Aferré con fuerza la rama que se unía a mi pierna en forma de espiral, comenzando a separar las espinas afiladas de la piel y la carne. Apreté los labios, mordiéndome el labio inferior para no gritar de dolor mientras los ganchos se separaban de mi extremidad, que sangraba más y más a cada segundo. Llegué desenrollando la rama espinosa hasta la parte de mi pierna que era solo músculo expuesto y tomé aire profundamente, reteniéndolo en mis pulmones, volviendo a aferrar mi labio inferior con los dientes. Sentí el sabor a óxido y sal en la boca, incluso fui capaz de olerlo mientras continuaba separando las espinas de mi pierna con dificultad. Cuando al fin pude liberar mi pierna la recogí contra mi cuerpo, aferrándome el músculo empapado de sangre entre mis manos adoloridas y llenas de espinas. Lloré.

-Creo que tendrás que cortarla –gimió ella, con su voz temblorosa e insegura llenándome por completo, haciéndome estremecer.

-Cállate –ordené, con mi voz igual de temblorosa que la de ella, aferrando mi extremidad entre mis manos ardientes.
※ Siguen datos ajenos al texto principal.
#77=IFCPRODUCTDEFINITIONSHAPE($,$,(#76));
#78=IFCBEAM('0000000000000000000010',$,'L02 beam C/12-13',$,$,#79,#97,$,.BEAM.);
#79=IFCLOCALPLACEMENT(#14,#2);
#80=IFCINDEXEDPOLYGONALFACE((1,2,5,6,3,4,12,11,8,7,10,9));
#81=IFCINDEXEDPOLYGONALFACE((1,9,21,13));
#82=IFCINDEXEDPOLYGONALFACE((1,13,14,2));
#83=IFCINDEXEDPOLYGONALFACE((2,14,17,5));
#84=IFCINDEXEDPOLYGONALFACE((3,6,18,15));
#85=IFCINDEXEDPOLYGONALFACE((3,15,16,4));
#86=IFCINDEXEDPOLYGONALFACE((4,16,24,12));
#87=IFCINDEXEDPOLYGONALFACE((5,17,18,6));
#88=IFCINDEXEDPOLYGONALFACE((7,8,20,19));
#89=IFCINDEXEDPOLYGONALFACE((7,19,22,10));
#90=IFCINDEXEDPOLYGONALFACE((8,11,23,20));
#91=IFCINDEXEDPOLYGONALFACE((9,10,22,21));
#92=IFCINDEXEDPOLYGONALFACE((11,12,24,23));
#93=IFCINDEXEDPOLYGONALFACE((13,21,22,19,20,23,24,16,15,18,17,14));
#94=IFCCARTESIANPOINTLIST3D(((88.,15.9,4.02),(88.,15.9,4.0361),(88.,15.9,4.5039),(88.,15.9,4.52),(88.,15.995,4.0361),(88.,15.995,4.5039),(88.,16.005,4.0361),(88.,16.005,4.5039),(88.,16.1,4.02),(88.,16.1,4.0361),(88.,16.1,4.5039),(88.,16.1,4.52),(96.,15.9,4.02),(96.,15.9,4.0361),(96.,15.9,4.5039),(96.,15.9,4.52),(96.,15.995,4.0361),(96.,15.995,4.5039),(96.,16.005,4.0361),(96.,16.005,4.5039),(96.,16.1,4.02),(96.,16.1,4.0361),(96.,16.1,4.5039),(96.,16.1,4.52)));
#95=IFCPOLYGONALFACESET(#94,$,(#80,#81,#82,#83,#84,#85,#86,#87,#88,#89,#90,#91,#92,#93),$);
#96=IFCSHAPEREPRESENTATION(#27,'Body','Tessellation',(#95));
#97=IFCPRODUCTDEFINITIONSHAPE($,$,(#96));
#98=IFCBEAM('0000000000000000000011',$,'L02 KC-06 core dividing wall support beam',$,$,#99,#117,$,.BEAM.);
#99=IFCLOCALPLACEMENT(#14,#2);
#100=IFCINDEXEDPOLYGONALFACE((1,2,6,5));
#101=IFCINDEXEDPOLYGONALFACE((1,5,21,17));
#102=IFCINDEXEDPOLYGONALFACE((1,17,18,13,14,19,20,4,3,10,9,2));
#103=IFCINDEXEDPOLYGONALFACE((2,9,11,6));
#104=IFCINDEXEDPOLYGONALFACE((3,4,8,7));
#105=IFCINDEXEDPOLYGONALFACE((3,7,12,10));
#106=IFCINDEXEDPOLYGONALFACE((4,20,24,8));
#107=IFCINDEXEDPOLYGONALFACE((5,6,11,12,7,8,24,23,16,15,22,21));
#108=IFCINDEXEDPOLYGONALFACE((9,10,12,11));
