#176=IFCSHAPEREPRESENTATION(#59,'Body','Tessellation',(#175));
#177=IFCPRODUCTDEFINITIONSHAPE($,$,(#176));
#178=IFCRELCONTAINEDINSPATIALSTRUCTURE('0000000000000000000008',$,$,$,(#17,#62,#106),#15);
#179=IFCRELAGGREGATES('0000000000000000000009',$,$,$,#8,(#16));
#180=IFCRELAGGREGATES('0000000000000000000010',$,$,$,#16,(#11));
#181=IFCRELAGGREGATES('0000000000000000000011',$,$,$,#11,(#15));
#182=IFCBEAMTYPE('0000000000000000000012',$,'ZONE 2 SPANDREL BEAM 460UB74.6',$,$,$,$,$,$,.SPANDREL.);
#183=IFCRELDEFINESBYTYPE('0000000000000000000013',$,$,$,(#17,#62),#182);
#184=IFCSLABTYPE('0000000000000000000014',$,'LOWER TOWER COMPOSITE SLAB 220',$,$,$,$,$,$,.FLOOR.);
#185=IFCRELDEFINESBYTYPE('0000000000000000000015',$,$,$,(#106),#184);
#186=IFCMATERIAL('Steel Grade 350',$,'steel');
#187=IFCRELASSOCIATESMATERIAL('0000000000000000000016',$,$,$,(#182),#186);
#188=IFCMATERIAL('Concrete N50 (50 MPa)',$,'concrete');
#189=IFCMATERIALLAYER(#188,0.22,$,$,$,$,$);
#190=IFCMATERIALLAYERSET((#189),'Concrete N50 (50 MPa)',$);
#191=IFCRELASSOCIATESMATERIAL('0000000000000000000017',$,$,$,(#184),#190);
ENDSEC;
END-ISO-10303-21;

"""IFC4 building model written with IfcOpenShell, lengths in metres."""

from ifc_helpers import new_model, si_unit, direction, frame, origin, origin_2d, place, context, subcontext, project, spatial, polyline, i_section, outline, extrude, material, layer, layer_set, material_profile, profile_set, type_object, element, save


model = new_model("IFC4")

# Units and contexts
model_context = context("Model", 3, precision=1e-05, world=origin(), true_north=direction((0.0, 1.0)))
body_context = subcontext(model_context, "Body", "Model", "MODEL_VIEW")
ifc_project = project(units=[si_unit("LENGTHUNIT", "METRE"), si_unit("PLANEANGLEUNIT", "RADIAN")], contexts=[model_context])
-Necesitarás hielo y un serrucho –continuó ella, con lágrimas en los ojos nublados por la nada-. Va a doler mucho, aunque dolerá más si continuas caminando con ella en su estado.

-¡Cállate! –grité exasperada.

Si la cortaba tendría que llegar arrastrándome hasta el castillo, si no la cortaba llegaría con una pierna esquelética, o sea, arrastrándome de todas maneras. Me obligué a pensar en algo, dejando el murmullo ausente y despiadado de Miedo lo más lejos posible de mis ideas. Podía sentir la sangre cayendo entre mis manos, el músculo húmedo y latente entre mis dedos que trataban de retenerlo en su lugar. Abrí los ojos de pronto, soltando mi pierna rápidamente y desgarrando la sucia parte baja de la tela que cubría mi cuerpo. Era lo suficientemente gruesa para mantener las espinas lejos del músculo, aguantaría si lo hacía bien.

-¿No temes que el músculo se te salga? –preguntó Miedo con un escalofrío recorriendo su cuerpo flotante.

La ignoré, dándole vuelta tras vuelta a mi venda improvisada con una confianza que había comenzado a desaparecer apenas la había sentido a ella a mi espalda. Ignoré el sentimiento de vencedora que me embargó. En realidad ignoré cada sentimiento que quisiera tomar posesión de mí, ya que si quería hacer las cosas bien tendría que estar centrada, paciente y relajada, nada más que eso. Me levanté y di un paso cuidadoso con mi pierna izquierda, la vendada. No dolió tanto como pensé que dolería, por lo que retomé el paso como si nada hubiese pasado. Miedo no me seguía, lo supe pues no sentía el típico frio de su proximidad, por lo que voltee a mirarla. Lloraba, sin despegar sus grisáceos orbes de mi pierna herida.

-¿Vienes? –inquirí alzando mi mano en su dirección.

Ella dudó, flotando lentamente hacia mí, pero la tomó. Su piel era fría como hielo, pero suave como la seda. Entrelacé mis dedos con los suyos y volví a caminar con paso seguro, ahora viendo a mis pies como las ramas se retorcían por alguna extraña razón.